Although this radioactive gas and its environmental risk have been scientifically known since 1900, the exact consequences of radon radiation have not been widely publicized in many EU member states until recently. Among the countries that are the most conscious of the risk of this radioactive gas for the health of the nation are the Scandinavian countries, Ireland, Germany and the Czech Republic. Of the countries in the region, each of them has state resources for radiation and nuclear safety, most of them have Action Plans and good formal relations with international institutions. What is lacking is awareness of who such mechanisms serve.

Croatia, for example, although a member of the EU has not considered the Radon Action Plan since the beginning of July 2013 until the February Radon directive came into force in February. This directive requires each member to adopt an annual action plan and take all other measures to protect against excessive radiation of people and nature by the radiative energies of this subtle earthly killer.

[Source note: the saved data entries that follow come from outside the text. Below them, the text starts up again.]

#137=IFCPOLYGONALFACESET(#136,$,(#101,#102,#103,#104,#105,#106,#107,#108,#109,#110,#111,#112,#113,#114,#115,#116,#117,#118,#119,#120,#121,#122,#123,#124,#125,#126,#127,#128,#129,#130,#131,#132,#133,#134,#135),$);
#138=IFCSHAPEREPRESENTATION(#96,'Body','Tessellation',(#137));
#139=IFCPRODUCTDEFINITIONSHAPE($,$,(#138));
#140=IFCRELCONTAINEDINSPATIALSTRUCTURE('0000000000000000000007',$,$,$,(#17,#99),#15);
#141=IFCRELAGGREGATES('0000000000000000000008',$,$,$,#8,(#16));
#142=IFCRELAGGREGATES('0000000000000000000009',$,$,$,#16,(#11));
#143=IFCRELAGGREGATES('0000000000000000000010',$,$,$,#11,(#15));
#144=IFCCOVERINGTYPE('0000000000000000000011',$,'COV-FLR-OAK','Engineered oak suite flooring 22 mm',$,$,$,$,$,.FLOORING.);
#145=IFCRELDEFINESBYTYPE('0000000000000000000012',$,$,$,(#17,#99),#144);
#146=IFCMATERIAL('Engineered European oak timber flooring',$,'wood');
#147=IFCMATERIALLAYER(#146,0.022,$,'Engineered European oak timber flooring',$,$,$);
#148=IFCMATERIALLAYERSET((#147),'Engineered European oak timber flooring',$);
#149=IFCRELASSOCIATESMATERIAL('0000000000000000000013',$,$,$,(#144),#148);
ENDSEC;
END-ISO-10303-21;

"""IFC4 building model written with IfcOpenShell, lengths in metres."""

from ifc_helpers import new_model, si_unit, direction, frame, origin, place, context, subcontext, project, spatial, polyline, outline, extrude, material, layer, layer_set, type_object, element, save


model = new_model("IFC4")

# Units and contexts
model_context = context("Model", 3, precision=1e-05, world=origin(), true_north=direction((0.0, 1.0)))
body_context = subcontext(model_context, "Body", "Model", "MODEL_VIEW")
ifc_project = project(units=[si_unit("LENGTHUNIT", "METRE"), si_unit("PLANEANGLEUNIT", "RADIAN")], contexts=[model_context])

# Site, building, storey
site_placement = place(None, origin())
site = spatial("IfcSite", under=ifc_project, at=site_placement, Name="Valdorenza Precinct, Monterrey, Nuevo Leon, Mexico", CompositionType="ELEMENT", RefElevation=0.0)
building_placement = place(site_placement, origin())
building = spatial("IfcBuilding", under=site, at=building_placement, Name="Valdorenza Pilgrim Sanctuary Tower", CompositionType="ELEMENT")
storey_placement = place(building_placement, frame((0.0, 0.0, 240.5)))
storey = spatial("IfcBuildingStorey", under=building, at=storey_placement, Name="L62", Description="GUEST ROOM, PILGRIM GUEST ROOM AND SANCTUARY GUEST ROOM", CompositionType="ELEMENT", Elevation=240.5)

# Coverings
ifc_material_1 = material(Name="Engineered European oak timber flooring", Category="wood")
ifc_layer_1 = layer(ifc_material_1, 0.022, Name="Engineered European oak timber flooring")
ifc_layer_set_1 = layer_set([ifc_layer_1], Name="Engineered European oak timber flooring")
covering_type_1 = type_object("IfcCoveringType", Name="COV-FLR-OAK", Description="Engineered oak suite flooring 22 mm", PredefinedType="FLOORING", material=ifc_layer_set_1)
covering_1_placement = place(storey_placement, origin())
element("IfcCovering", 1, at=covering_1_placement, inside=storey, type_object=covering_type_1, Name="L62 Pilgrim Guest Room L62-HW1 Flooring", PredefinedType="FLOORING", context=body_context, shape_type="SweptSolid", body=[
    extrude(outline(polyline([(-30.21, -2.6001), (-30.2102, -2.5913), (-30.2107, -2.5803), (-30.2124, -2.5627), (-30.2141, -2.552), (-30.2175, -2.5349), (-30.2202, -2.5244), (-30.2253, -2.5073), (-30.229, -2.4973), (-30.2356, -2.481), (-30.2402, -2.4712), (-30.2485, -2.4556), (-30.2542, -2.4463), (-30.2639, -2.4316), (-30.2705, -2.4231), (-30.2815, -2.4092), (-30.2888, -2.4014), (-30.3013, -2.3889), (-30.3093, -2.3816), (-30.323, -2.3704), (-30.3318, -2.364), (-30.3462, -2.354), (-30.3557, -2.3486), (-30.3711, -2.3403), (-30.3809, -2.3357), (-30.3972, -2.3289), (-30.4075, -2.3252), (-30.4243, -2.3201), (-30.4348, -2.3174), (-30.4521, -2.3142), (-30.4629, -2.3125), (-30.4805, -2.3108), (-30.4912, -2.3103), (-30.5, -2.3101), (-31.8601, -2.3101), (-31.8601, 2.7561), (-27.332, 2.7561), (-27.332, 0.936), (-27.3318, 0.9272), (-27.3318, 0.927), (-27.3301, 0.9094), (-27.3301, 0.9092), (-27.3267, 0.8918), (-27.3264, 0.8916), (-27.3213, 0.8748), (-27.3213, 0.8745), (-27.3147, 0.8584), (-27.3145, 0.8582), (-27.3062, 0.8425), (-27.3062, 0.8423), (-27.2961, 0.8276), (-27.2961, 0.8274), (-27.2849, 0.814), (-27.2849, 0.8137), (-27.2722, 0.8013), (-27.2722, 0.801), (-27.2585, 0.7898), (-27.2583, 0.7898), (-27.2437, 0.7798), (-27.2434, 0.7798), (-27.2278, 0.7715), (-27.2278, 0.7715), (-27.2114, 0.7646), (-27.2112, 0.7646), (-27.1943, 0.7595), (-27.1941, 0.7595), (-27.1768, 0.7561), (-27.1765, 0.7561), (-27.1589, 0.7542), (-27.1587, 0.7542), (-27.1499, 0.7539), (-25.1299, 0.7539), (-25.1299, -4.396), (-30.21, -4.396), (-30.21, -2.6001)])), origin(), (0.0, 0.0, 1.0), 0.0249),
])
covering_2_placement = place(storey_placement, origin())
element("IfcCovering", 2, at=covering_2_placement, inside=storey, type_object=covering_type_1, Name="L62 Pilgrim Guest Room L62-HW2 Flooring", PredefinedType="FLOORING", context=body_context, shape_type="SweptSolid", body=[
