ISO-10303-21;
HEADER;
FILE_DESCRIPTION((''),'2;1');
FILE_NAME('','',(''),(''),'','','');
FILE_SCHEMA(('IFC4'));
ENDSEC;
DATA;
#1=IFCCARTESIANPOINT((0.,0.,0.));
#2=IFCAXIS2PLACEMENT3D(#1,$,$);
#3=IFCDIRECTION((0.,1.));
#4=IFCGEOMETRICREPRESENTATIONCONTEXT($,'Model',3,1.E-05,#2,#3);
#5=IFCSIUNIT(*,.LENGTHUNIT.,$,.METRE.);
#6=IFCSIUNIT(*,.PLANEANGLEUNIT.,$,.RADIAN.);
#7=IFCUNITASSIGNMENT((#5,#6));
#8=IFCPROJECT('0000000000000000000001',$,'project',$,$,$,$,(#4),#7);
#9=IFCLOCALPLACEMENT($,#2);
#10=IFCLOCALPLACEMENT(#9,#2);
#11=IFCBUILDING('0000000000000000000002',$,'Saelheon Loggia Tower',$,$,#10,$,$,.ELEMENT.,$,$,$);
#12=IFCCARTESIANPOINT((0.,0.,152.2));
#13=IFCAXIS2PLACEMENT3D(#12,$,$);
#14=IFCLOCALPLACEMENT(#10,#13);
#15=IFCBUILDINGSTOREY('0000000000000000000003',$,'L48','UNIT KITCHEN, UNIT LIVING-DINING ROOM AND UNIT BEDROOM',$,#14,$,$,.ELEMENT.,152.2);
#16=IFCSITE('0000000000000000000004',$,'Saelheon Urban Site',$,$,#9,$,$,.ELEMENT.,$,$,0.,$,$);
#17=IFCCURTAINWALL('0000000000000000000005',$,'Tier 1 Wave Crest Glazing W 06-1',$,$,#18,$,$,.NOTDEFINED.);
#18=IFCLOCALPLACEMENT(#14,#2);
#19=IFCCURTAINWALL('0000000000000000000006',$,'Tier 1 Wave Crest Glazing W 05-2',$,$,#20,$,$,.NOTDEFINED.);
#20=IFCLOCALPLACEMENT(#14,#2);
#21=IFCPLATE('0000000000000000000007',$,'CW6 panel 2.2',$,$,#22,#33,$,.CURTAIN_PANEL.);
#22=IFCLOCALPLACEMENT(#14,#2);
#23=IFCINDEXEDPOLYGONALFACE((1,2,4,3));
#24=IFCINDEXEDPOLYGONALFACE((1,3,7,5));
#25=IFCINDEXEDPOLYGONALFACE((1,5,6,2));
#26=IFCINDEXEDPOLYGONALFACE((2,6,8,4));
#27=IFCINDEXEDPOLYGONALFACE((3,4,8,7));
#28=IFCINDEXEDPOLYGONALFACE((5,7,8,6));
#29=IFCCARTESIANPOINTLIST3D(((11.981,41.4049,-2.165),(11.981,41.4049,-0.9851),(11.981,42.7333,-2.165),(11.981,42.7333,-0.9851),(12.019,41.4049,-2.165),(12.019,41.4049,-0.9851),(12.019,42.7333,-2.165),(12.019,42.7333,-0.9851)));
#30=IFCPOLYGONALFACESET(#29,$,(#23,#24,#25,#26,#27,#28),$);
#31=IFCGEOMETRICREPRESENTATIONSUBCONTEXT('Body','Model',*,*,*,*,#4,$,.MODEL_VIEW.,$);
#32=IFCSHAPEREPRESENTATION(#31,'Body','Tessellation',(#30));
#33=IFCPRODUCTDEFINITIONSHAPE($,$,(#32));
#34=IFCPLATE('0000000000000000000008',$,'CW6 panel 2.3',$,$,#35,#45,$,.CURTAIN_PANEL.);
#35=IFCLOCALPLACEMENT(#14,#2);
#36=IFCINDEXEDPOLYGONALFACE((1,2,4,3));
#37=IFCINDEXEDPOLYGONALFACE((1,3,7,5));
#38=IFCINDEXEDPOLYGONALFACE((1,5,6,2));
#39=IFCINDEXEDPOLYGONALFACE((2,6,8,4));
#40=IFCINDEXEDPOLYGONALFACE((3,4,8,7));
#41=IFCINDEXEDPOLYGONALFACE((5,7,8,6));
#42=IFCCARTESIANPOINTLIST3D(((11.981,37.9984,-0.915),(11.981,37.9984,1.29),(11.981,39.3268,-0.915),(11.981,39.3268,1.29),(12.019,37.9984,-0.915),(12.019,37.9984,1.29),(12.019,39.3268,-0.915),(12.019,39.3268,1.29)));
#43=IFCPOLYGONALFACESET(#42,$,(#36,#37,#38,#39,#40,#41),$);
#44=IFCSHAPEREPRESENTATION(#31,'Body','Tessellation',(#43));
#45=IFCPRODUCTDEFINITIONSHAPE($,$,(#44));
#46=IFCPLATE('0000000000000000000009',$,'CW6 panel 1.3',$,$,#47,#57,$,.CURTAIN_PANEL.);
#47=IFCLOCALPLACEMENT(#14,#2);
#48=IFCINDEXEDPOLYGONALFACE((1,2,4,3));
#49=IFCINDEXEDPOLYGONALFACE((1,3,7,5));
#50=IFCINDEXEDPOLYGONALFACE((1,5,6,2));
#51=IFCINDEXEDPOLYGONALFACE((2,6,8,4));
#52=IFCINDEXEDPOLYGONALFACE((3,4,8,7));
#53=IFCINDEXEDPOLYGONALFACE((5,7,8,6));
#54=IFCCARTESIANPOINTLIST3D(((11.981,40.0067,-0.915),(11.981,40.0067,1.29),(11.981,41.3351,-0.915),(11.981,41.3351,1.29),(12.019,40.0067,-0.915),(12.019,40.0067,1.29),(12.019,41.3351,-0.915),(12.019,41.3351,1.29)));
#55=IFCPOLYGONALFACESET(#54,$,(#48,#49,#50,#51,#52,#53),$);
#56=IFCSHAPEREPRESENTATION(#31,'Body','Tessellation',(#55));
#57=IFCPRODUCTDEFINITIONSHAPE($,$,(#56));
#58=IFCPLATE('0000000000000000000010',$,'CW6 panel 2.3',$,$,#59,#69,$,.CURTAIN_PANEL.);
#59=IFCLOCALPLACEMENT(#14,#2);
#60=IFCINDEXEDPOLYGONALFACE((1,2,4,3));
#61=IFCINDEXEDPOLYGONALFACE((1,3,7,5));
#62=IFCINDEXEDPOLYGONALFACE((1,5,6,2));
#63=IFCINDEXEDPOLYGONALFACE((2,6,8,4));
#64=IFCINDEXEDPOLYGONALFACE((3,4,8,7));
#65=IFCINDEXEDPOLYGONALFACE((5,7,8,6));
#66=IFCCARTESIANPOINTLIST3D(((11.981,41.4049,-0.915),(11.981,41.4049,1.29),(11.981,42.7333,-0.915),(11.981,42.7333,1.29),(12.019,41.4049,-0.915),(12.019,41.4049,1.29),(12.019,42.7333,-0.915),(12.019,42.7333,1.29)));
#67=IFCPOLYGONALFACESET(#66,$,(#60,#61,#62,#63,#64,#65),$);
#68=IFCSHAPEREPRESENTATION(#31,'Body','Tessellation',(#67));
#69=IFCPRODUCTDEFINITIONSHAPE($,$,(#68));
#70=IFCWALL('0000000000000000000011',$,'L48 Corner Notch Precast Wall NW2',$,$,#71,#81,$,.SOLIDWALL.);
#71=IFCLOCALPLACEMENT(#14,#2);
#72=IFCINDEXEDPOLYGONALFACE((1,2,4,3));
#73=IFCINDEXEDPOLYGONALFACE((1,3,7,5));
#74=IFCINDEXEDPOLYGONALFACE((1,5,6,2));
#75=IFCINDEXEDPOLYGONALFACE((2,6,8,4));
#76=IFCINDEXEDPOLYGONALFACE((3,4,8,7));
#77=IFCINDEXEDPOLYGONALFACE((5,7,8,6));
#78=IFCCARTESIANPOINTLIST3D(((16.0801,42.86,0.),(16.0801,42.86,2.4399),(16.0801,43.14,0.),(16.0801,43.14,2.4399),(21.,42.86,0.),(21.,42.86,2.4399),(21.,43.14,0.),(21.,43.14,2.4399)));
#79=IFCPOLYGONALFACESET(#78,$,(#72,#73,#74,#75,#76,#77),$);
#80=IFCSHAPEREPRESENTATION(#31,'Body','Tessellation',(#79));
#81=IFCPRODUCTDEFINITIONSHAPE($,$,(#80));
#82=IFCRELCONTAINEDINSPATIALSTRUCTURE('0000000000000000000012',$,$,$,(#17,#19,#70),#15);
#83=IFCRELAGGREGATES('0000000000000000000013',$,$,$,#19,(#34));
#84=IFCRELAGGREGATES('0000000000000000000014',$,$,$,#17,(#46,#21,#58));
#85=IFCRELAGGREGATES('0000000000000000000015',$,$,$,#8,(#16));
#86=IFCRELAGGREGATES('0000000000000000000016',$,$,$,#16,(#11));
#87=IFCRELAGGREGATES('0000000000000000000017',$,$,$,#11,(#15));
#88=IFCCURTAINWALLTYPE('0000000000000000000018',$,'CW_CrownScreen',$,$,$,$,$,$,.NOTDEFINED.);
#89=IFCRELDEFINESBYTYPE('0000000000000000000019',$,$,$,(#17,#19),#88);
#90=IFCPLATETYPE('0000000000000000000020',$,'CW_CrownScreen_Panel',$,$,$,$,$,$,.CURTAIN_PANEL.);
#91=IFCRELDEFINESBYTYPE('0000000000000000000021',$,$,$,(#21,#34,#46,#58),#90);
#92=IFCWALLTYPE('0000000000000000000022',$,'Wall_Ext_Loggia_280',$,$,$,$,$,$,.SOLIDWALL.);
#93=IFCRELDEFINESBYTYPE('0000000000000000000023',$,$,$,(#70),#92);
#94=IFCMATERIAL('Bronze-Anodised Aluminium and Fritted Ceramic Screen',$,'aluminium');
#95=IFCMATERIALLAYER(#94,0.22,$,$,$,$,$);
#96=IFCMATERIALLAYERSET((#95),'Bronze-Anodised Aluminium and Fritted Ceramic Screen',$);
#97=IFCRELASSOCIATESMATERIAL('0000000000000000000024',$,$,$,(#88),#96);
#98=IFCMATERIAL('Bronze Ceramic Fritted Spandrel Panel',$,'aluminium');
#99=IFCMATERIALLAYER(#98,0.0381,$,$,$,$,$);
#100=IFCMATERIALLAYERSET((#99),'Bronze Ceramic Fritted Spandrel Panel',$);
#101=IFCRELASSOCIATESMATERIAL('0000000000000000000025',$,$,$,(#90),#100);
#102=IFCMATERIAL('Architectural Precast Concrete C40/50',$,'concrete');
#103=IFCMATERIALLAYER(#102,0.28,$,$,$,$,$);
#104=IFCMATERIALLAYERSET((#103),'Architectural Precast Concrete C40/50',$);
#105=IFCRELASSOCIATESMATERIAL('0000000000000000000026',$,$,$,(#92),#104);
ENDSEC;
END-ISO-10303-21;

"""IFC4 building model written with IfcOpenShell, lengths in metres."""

from ifc_helpers import new_model, si_unit, direction, frame, frame_2d, origin, origin_2d, place, context, subcontext, project, spatial, rectangle, extrude, source, transform, mapped, material, layer, layer_set, type_object, element, aggregate, save


model = new_model("IFC4")

# Units and contexts
model_context = context("Model", 3, precision=1e-05, world=origin(), true_north=direction((0.0, 1.0)))
body_context = subcontext(model_context, "Body", "Model", "MODEL_VIEW")
ifc_project = project(units=[si_unit("LENGTHUNIT", "METRE"), si_unit("PLANEANGLEUNIT", "RADIAN")], contexts=[model_context])

# Site, building, storey
site_placement = place(None, origin())
site = spatial("IfcSite", under=ifc_project, at=site_placement, Name="Saelheon Urban Site", CompositionType="ELEMENT", RefElevation=0.0)
building_placement = place(site_placement, origin())
building = spatial("IfcBuilding", under=site, at=building_placement, Name="Saelheon Loggia Tower", CompositionType="ELEMENT")
storey_placement = place(building_placement, frame((0.0, 0.0, 152.2)))
storey = spatial("IfcBuildingStorey", under=building, at=storey_placement, Name="L48", Description="UNIT KITCHEN, UNIT LIVING-DINING ROOM AND UNIT BEDROOM", CompositionType="ELEMENT", Elevation=152.2)

# Shared definitions
ifc_material_1 = material(Name="Bronze-Anodised Aluminium and Fritted Ceramic Screen", Category="aluminium")
ifc_layer_1 = layer(ifc_material_1, 0.22)
ifc_layer_set_1 = layer_set([ifc_layer_1], Name="Bronze-Anodised Aluminium and Fritted Ceramic Screen")
curtain_wall_type = type_object("IfcCurtainWallType", Name="CW_CrownScreen", PredefinedType="NOTDEFINED", material=ifc_layer_set_1)

# Curtain wall
curtain_wall_1_placement = place(storey_placement, origin())
curtain_wall_1 = element("IfcCurtainWall", 1, at=curtain_wall_1_placement, inside=storey, type_object=curtain_wall_type, Name="Tier 1 Wave Crest Glazing W 06-1", PredefinedType="NOTDEFINED")

# Curtain wall
curtain_wall_2_placement = place(storey_placement, origin())
curtain_wall_2 = element("IfcCurtainWall", 2, at=curtain_wall_2_placement, inside=storey, type_object=curtain_wall_type, Name="Tier 1 Wave Crest Glazing W 05-2", PredefinedType="NOTDEFINED")

# Plates
ifc_material_2 = material(Name="Bronze Ceramic Fritted Spandrel Panel", Category="aluminium")
ifc_layer_2 = layer(ifc_material_2, 0.0381)
ifc_layer_set_2 = layer_set([ifc_layer_2], Name="Bronze Ceramic Fritted Spandrel Panel")
plate_type = type_object("IfcPlateType", Name="CW_CrownScreen_Panel", PredefinedType="CURTAIN_PANEL", material=ifc_layer_set_2)
shared_shape_1 = source(origin(), body_context, "Body", "SweptSolid", [
    extrude(rectangle(XDim=1.3284, YDim=0.0381, at=origin_2d()), origin(), (0.0, 0.0, 1.0), 1.1799),
])
plate_1_placement = place(storey_placement, frame((12.0, 42.0691, -2.165), z_axis=(0.0, 0.0, 1.0), x_axis=(0.0, 1.0, 0.0)))
plate_1 = element("IfcPlate", 3, at=plate_1_placement, type_object=plate_type, Name="CW6 panel 2.2", PredefinedType="CURTAIN_PANEL", context=body_context, shape_type="MappedRepresentation", body=[
    mapped(shared_shape_1, transform((0.0, 0.0, 0.0), scale=1.0)),
])
shared_shape_2 = source(origin(), body_context, "Body", "SweptSolid", [
    extrude(rectangle(XDim=1.3284, YDim=0.0381, at=origin_2d()), origin(), (0.0, 0.0, 1.0), 2.2051),
])
plate_2_placement = place(storey_placement, frame((12.0, 38.6626, -0.915), z_axis=(0.0, 0.0, 1.0), x_axis=(0.0, 1.0, 0.0)))
plate_2 = element("IfcPlate", 4, at=plate_2_placement, type_object=plate_type, Name="CW6 panel 2.3", PredefinedType="CURTAIN_PANEL", context=body_context, shape_type="MappedRepresentation", body=[
    mapped(shared_shape_2, transform((0.0, 0.0, 0.0), scale=1.0)),
])
aggregate(curtain_wall_2, [plate_2])
plate_3_placement = place(storey_placement, frame((12.0, 40.6709, -0.915), z_axis=(0.0, 0.0, 1.0), x_axis=(0.0, 1.0, 0.0)))
plate_3 = element("IfcPlate", 5, at=plate_3_placement, type_object=plate_type, Name="CW6 panel 1.3", PredefinedType="CURTAIN_PANEL", context=body_context, shape_type="MappedRepresentation", body=[
    mapped(shared_shape_2, transform((0.0, 0.0, 0.0), scale=1.0)),
])
plate_4_placement = place(storey_placement, frame((12.0, 42.0691, -0.915), z_axis=(0.0, 0.0, 1.0), x_axis=(0.0, 1.0, 0.0)))
plate_4 = element("IfcPlate", 6, at=plate_4_placement, type_object=plate_type, Name="CW6 panel 2.3", PredefinedType="CURTAIN_PANEL", context=body_context, shape_type="MappedRepresentation", body=[
    mapped(shared_shape_2, transform((0.0, 0.0, 0.0), scale=1.0)),
])
aggregate(curtain_wall_1, [plate_3, plate_1, plate_4])

# Wall
ifc_material_3 = material(Name="Architectural Precast Concrete C40/50", Category="concrete")
ifc_layer_3 = layer(ifc_material_3, 0.28)
ifc_layer_set_3 = layer_set([ifc_layer_3], Name="Architectural Precast Concrete C40/50")
wall_type = type_object("IfcWallType", Name="Wall_Ext_Loggia_280", PredefinedType="SOLIDWALL", material=ifc_layer_set_3)
wall_placement = place(storey_placement, frame((16.0801, 43.0, 0.0), z_axis=(0.0, 0.0, 1.0), x_axis=(1.0, 0.0, 0.0)))
element("IfcWall", 7, at=wall_placement, inside=storey, type_object=wall_type, Name="L48 Corner Notch Precast Wall NW2", PredefinedType="SOLIDWALL", context=body_context, shape_type="SweptSolid", body=[
    extrude(rectangle(XDim=4.9199, YDim=0.28, at=frame_2d((2.46, 0.0))), origin(), (0.0, 0.0, 1.0), 2.4399),
])

save(model, "model.ifc")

What would be the question, whether with carcinogenic radon in Croatia, and if people and children would be poisoned by this dangerous gas in Istria, that there was no European Directive on the control of the presence of radon in homes, schools and kindergartens, in the living environment? Why exactly in all areas of life and work in transition countries, measures and standards must they establish authorities from outside? Is it possible that even after the age of four years of the new Balkan states, the state itself is the purpose and goal, and the citizen is only a polling machine, statistical data or means for the state political elite to manipulate national passions? Why are the states so many irrelevant citizens? Even so irrelevant that they are more important and poorly crafted political trillers than the health of the nation!